A looming question is how data from the Revolocity will stack up against Illumina's X10. Both are claiming approximately human genomes at around $1K, but are these equivalent genomes? Given that X10 offers 150bp paired end, or 5 times the read length, what sort of variation can X10 detect better? For example, how well can you call STRs (or what is the upper limit on allele size) on each instrument? Complete had in the past released a number of datasets, and I would urge them to release some standard human genomes as raw data (such as the Genome-in-a-bottle reference).
It will be interesting to see how well Revolocity's promise of end-to-end automation and low staffing resonate with the marketplace. I realized from this I don't have any idea what library preparation methods are popular with X10/X5 sites. For example, a small number (3-4) NeoPrep devices could in theory keep a HiSeq X10 farm happy, though these require DNA to be sheared upstream of the NeoPrep. Hopefully the end-to-end, any biological sample aspect of Revolocity will not just be a lure for those with purchasing authority but far removed from actual operation.
Which gets to the big question: how many more institutions are really looking to plunk down $10+M in capital for a lab that burns another $10M-$20M a year in reagents (plus the rental cost of the floor space!)? At the outset, BGI's machine appears to be slightly inferior on throughput to Illumina's -- but will prospective buyers care about that difference? BGI/Complete is also coming in quite above the 5X system from Illumina, ceding the market for folks who want to do only 5K-7K genomes per year.
Off in the mist is a very different vision of population-scale human genome sequencing. Oxford Nanopore proposes that their PromethION device, running with an array of 48 flowcells that each sport 4000 pores and running at the future higher speed, will meet or exceed the throughput of X10 or Revolocity at potentially far lower cost. Coupled to the Voltrax sample/library preparation device, end-to-end might be possible. More importantly, this would offer long (but noisy) reads, capable of resolving far more complex structural variants (if the input material is also long). All of this with the footprint of an iPad! But, the important catch is that while Oxford has now demonstrated success with the original MinION, PromethION, denser chips, higher pore speeds and Voltrax are all future releases.

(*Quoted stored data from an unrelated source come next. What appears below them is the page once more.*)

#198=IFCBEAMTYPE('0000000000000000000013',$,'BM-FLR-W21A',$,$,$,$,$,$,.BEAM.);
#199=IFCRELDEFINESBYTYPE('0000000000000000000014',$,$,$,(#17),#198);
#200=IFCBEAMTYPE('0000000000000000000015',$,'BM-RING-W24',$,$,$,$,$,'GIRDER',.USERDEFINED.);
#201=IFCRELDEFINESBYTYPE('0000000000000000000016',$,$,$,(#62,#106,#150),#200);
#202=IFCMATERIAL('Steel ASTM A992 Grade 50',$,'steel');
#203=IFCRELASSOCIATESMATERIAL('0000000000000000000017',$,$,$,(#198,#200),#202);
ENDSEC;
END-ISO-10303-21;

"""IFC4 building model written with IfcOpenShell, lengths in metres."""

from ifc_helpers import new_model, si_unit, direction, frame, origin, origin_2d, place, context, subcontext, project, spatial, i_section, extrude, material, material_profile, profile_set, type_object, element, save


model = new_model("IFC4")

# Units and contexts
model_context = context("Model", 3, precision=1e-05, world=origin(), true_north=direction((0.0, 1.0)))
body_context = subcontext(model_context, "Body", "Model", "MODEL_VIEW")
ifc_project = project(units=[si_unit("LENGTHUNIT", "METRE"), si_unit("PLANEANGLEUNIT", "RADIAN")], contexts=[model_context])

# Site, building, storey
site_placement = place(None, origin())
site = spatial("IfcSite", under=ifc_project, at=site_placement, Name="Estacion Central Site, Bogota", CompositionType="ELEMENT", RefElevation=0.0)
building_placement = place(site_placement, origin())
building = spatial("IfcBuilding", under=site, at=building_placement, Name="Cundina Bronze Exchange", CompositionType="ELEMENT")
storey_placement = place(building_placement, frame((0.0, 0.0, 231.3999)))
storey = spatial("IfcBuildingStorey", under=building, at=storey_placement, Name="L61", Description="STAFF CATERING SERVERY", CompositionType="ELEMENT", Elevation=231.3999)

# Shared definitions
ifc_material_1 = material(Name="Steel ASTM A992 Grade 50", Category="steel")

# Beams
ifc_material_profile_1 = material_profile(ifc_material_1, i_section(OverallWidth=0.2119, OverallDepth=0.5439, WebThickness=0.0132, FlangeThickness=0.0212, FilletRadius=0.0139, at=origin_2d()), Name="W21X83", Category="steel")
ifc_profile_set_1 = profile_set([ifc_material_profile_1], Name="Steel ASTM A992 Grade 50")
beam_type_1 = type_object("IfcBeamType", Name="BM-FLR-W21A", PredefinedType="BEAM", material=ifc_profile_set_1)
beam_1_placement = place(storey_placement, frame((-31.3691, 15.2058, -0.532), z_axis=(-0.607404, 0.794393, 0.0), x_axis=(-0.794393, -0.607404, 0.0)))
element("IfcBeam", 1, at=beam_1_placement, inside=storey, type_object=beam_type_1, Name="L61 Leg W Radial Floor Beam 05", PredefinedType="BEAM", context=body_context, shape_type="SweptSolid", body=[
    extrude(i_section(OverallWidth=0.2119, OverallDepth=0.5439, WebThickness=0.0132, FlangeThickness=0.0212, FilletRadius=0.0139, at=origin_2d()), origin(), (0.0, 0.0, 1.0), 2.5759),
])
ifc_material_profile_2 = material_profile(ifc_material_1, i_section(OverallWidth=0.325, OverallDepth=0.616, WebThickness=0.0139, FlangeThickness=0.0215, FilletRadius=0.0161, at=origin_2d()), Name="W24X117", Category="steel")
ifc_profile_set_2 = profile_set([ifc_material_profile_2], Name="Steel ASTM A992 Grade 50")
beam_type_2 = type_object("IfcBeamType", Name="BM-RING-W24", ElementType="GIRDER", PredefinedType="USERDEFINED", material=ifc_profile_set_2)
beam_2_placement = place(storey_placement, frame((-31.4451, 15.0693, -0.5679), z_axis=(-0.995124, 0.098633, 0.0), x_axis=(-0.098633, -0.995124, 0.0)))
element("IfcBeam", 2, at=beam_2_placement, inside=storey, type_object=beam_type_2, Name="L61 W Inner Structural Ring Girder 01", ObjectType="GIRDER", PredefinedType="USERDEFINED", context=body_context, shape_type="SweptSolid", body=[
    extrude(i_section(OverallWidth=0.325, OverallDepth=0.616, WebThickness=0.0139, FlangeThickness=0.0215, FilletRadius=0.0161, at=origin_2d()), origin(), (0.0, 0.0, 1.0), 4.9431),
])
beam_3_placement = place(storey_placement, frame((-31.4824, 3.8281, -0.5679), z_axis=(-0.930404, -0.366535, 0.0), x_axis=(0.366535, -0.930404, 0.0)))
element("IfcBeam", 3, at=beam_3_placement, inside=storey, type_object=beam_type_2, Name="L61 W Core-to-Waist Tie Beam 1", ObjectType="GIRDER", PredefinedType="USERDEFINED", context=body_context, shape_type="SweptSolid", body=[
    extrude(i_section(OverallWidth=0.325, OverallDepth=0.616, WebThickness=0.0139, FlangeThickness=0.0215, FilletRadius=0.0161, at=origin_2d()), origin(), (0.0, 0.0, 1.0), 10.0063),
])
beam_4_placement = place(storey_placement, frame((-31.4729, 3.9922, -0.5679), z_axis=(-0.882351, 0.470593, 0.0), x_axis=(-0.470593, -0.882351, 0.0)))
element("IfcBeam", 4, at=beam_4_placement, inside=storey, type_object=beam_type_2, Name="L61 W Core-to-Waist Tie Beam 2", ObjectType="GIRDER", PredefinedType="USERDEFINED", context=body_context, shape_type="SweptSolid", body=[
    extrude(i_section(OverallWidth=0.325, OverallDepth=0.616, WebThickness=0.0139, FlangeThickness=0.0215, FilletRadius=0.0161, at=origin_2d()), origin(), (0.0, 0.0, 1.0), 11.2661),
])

Which vision of population-scale genomics will dominate the next few years? An integrated factory of uber-short read sequencers? A factory of somewhat longer (but still short) read sequencers with user-defined sample and library prep? Or long, noisy reads run on something that will fit in an overhead bin -- but not available (if at all) for many months? In the span of two decades we've come a long way from dreaming of a 1Mb/day factory -- but do we still need a factory?